Description Rafael J. Wysocki 2009-12-27 22:45:12 UTC
Subject    : scheduling failure on armel with 2.6.32-rc8
Submitter  : Daniel Kahn Gillmor <dkg@fifthhorseman.net>
Date       : 2009-11-24 23:05
References : http://marc.info/?l=linux-kernel&m=125910438530554&w=4

This entry is being used for tracking a regression from 2.6.31.  Please don't
close it until the problem is fixed in the mainline.
Comment 1 Rafael J. Wysocki 2010-01-05 21:29:10 UTC
On Tuesday 05 January 2010, Daniel Kahn Gillmor wrote:
> Hi Rafael--
> 
> On 12/29/2009 10:28 AM, Rafael J. Wysocki wrote:
> > This message has been generated automatically as a part of a report
> > of regressions introduced between 2.6.31 and 2.6.32.
> > 
> > The following bug entry is on the current list of known regressions
> > introduced between 2.6.31 and 2.6.32.  Please verify if it still should
> > be listed and let me know (either way).
> > 
> > Bug-Entry   : http://bugzilla.kernel.org/show_bug.cgi?id=14893
> > Subject             : Tasks stuck on I/O on armel with 2.6.32-rc8
> > Submitter   : Daniel Kahn Gillmor <dkg@fifthhorseman.net>
> > Date                : 2009-11-24 23:05 (36 days old)
> > References  : http://marc.info/?l=linux-kernel&m=125910438530554&w=4
> 
> The machine in question has been up continuously (though not under heavy
> load) since it was rebooted after the reported failure.  it has even
> withstood additional mpd index updates, all running the same kernel it
> crashed with before.
> 
> So i can't say that the problem is resolved, but i haven't replicated it
> either.  Wish i had more interesting details to report.
Comment 2 Daniel Kahn Gillmor 2010-01-19 19:57:25 UTC
Created attachment 24640 [details]
console log from second identical hang

well, the machine hung again.  this time it was in the middle of a fairly large "aptitude full-upgrade" run, and short on disk space.

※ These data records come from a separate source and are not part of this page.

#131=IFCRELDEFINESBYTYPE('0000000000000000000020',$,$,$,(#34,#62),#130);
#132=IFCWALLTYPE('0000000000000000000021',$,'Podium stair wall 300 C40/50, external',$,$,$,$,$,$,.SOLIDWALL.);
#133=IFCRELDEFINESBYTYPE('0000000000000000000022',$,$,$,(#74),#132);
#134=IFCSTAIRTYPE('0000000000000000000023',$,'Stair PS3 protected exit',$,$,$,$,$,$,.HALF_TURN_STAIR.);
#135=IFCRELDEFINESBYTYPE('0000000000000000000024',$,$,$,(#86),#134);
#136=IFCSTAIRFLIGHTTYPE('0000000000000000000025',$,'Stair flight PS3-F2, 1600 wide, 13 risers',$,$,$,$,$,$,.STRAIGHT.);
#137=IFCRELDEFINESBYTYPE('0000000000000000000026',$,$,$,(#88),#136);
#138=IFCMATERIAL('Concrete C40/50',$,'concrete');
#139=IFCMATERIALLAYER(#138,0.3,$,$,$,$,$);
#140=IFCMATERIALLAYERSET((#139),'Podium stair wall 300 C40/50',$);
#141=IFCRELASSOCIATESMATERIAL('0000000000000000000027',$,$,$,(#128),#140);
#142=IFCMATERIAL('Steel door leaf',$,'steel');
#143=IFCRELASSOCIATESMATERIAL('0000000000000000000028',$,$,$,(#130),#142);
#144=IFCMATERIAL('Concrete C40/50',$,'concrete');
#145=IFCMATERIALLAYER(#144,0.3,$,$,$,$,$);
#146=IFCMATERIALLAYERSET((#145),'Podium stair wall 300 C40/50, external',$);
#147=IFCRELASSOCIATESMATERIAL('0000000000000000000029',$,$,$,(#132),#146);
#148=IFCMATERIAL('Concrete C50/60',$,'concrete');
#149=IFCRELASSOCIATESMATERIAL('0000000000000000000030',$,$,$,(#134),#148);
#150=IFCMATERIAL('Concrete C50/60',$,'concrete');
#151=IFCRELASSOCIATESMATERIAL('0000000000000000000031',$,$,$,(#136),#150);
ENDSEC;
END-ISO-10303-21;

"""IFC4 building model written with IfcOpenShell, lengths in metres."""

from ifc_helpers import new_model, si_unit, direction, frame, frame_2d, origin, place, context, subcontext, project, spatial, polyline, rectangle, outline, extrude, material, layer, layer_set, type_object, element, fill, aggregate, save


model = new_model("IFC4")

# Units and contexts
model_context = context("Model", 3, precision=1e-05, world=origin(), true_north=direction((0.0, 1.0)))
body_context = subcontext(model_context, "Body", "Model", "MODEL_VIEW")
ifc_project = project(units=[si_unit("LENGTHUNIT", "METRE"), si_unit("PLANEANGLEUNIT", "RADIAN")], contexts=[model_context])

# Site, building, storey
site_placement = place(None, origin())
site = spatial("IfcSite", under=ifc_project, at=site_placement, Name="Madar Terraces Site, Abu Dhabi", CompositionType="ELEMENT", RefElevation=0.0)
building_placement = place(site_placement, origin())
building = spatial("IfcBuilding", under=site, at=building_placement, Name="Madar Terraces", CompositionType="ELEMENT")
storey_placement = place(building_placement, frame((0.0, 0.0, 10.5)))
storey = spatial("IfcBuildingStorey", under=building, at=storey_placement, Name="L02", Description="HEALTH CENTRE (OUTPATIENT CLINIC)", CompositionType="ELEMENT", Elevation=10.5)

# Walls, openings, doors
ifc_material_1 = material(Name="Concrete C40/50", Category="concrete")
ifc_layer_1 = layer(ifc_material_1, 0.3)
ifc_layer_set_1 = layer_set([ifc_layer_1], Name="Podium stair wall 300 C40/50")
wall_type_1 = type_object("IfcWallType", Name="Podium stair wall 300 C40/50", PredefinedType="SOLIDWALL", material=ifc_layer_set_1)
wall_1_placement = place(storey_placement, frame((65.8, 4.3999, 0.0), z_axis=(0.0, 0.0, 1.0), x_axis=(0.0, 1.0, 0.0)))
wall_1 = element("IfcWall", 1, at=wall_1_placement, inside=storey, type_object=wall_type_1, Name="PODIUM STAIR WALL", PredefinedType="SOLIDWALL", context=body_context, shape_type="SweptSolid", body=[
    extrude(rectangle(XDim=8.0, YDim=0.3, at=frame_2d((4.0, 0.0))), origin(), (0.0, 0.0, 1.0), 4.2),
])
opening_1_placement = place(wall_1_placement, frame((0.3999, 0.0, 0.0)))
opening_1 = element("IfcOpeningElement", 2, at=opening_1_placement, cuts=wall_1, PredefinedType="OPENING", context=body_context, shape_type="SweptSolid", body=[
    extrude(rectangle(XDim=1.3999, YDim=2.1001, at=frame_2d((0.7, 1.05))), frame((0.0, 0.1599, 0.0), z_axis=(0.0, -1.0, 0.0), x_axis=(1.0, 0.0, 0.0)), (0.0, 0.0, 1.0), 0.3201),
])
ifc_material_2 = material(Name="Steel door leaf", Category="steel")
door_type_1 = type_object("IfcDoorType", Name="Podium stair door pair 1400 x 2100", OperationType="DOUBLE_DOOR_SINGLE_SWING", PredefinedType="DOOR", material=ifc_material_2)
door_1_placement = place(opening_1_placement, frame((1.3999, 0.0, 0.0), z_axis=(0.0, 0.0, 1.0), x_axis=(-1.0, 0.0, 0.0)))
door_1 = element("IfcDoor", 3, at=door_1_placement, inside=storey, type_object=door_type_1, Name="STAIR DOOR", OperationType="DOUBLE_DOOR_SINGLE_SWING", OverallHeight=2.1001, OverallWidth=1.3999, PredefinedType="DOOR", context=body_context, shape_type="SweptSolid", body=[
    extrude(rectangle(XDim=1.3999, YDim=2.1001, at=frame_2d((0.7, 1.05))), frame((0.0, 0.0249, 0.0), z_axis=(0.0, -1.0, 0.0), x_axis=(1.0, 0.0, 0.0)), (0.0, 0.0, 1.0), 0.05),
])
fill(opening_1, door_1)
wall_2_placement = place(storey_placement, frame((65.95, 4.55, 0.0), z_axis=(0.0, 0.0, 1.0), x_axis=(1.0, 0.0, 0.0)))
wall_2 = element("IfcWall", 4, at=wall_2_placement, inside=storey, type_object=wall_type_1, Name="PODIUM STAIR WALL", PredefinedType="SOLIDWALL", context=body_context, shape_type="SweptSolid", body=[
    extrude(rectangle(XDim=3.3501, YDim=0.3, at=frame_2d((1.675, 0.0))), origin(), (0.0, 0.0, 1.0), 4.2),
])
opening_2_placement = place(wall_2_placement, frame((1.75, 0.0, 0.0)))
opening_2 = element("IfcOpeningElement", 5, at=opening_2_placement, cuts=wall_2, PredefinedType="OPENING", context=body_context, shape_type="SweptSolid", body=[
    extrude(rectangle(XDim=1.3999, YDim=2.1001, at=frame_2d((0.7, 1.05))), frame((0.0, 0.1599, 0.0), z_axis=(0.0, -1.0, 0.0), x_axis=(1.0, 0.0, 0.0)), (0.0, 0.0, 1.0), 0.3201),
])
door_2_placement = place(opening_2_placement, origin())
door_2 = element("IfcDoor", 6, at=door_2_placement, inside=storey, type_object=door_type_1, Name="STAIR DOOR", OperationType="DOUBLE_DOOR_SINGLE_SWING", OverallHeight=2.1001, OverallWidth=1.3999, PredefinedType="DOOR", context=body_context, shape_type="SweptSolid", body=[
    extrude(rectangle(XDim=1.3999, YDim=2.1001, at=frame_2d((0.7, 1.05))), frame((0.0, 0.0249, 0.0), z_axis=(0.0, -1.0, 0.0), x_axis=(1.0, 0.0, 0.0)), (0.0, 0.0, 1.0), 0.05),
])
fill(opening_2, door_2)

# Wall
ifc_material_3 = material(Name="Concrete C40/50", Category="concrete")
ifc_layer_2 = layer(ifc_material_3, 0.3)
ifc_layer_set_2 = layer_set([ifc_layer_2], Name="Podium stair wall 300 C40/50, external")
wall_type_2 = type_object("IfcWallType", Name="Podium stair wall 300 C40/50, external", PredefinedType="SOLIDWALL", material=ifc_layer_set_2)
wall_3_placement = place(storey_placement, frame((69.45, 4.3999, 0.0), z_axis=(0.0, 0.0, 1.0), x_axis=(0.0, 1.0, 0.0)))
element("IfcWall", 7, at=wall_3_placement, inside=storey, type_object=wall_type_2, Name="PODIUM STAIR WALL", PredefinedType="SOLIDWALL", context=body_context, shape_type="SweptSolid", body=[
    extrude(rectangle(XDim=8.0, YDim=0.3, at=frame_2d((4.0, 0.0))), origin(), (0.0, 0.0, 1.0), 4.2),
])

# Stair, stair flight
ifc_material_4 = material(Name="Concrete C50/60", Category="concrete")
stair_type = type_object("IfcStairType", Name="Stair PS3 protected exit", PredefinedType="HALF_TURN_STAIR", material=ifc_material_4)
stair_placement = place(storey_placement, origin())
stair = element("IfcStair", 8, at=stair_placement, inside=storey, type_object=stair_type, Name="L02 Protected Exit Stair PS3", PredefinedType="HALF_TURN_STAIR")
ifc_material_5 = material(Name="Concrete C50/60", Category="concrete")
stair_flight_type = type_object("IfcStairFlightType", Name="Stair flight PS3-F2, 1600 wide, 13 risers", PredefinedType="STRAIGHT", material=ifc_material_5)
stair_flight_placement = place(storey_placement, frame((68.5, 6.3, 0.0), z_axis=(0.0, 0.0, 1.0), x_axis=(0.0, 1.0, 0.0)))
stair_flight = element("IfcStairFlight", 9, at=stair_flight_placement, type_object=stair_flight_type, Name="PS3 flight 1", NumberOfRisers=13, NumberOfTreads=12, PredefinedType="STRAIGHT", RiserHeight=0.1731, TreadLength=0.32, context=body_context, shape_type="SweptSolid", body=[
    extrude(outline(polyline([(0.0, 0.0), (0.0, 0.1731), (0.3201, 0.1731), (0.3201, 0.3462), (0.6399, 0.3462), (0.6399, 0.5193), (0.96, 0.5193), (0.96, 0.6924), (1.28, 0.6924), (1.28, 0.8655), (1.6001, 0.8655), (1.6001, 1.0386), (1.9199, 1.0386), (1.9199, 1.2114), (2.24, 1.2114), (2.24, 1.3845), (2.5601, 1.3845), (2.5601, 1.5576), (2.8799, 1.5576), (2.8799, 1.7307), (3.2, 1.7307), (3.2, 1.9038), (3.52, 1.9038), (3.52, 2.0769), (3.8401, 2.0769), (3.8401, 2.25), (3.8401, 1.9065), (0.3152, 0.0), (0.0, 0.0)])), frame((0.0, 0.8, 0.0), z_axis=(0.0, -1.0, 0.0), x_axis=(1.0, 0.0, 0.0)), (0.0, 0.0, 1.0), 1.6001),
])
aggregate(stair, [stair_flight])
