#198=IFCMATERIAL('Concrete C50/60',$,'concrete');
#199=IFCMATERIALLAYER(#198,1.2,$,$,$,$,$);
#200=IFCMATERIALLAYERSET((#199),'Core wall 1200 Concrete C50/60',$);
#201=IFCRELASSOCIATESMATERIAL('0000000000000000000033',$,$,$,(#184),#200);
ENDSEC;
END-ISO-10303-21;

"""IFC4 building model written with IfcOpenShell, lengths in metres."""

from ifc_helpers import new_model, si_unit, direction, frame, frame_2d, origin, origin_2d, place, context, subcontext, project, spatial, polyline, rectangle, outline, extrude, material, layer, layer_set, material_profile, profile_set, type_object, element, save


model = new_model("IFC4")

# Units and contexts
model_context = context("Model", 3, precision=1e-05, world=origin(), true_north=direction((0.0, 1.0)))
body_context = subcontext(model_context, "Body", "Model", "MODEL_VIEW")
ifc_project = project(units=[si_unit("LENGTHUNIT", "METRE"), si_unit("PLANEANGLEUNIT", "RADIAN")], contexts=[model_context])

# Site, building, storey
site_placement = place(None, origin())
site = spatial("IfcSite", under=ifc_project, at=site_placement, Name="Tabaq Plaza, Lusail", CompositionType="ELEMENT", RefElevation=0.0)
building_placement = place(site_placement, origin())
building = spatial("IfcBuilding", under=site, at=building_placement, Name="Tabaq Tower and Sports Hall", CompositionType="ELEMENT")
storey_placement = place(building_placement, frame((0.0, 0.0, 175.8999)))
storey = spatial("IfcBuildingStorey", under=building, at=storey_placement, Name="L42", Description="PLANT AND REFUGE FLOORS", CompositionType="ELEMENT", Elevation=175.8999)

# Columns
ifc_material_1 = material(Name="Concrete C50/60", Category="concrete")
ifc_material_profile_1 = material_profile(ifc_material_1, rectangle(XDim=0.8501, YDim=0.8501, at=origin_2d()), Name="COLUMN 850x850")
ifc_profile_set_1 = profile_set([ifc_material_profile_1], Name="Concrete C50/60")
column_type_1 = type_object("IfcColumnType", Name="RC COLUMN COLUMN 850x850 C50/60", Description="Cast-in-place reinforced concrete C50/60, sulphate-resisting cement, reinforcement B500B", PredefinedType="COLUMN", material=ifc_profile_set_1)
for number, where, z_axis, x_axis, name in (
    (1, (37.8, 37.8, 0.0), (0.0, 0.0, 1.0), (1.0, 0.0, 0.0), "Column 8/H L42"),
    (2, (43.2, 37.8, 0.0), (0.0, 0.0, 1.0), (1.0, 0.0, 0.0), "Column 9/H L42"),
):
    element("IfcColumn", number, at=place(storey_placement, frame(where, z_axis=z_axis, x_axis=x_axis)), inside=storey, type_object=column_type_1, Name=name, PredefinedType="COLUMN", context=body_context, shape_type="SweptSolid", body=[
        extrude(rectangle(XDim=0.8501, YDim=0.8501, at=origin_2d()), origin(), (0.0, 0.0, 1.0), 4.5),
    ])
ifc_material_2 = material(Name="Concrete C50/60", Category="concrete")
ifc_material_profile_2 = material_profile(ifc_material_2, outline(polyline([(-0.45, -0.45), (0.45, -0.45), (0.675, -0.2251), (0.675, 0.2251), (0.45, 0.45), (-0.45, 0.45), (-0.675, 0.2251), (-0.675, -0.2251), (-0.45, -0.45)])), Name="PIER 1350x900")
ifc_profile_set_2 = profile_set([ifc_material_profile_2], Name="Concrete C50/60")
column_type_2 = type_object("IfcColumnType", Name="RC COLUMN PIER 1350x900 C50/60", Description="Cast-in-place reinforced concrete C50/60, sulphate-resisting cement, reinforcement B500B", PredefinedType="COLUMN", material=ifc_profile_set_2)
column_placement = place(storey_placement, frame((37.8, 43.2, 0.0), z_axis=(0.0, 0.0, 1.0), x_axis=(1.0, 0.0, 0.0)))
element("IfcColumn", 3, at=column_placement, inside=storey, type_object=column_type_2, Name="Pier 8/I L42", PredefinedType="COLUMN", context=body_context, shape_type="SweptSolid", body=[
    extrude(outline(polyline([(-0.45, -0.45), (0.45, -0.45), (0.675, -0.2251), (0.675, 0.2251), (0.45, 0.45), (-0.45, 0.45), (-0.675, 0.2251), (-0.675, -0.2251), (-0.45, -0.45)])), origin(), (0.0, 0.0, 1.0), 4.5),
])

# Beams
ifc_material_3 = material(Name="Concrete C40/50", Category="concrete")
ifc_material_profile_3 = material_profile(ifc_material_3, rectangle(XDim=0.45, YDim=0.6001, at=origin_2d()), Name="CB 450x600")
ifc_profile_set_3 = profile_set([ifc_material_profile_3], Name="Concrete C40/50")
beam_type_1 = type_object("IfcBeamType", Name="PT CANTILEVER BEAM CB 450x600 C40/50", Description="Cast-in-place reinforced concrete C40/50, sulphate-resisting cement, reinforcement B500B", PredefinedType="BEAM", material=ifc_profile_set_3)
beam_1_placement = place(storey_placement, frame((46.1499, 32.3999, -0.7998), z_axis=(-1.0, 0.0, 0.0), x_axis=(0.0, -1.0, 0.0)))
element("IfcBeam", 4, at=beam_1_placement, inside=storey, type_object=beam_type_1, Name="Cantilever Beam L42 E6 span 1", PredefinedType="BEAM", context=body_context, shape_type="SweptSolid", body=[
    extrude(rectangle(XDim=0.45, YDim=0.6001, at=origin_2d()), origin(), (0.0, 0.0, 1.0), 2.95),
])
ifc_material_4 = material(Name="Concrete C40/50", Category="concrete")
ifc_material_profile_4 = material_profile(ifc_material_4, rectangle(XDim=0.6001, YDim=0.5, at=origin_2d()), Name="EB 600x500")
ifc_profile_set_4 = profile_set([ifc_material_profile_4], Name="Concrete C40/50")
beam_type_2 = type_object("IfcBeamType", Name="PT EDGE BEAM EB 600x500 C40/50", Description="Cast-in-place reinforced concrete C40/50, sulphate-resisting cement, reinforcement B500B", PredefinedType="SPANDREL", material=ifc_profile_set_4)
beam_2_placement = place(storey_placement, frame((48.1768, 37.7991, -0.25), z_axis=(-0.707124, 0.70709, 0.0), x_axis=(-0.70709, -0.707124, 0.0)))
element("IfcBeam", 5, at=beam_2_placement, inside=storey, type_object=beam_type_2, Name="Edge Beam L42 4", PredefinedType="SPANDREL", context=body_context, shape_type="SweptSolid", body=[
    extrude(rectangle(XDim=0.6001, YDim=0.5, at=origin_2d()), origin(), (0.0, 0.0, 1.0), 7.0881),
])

it was still responding to pings over the network, but was not responsive for things like ssh (an active ssh session was totally hung, and new attempts to connect to port 22 yielded no response).

I connected to the console when this happened, and SysRq'ed it until i got some info.  attached is the console log.

Even the SysRq reset failed to fully reset the machine, and ultimately, i was forced to pull the power plug to get it restarted.

You can see that happen in the log where it says "SysRq: Resetting" followed by a null byte, followed by the redboot headers.

i'm unable to re-open this bug myself, but it has certainly been reproduced (though i haven't sorted out how to make it hang deliberately yet).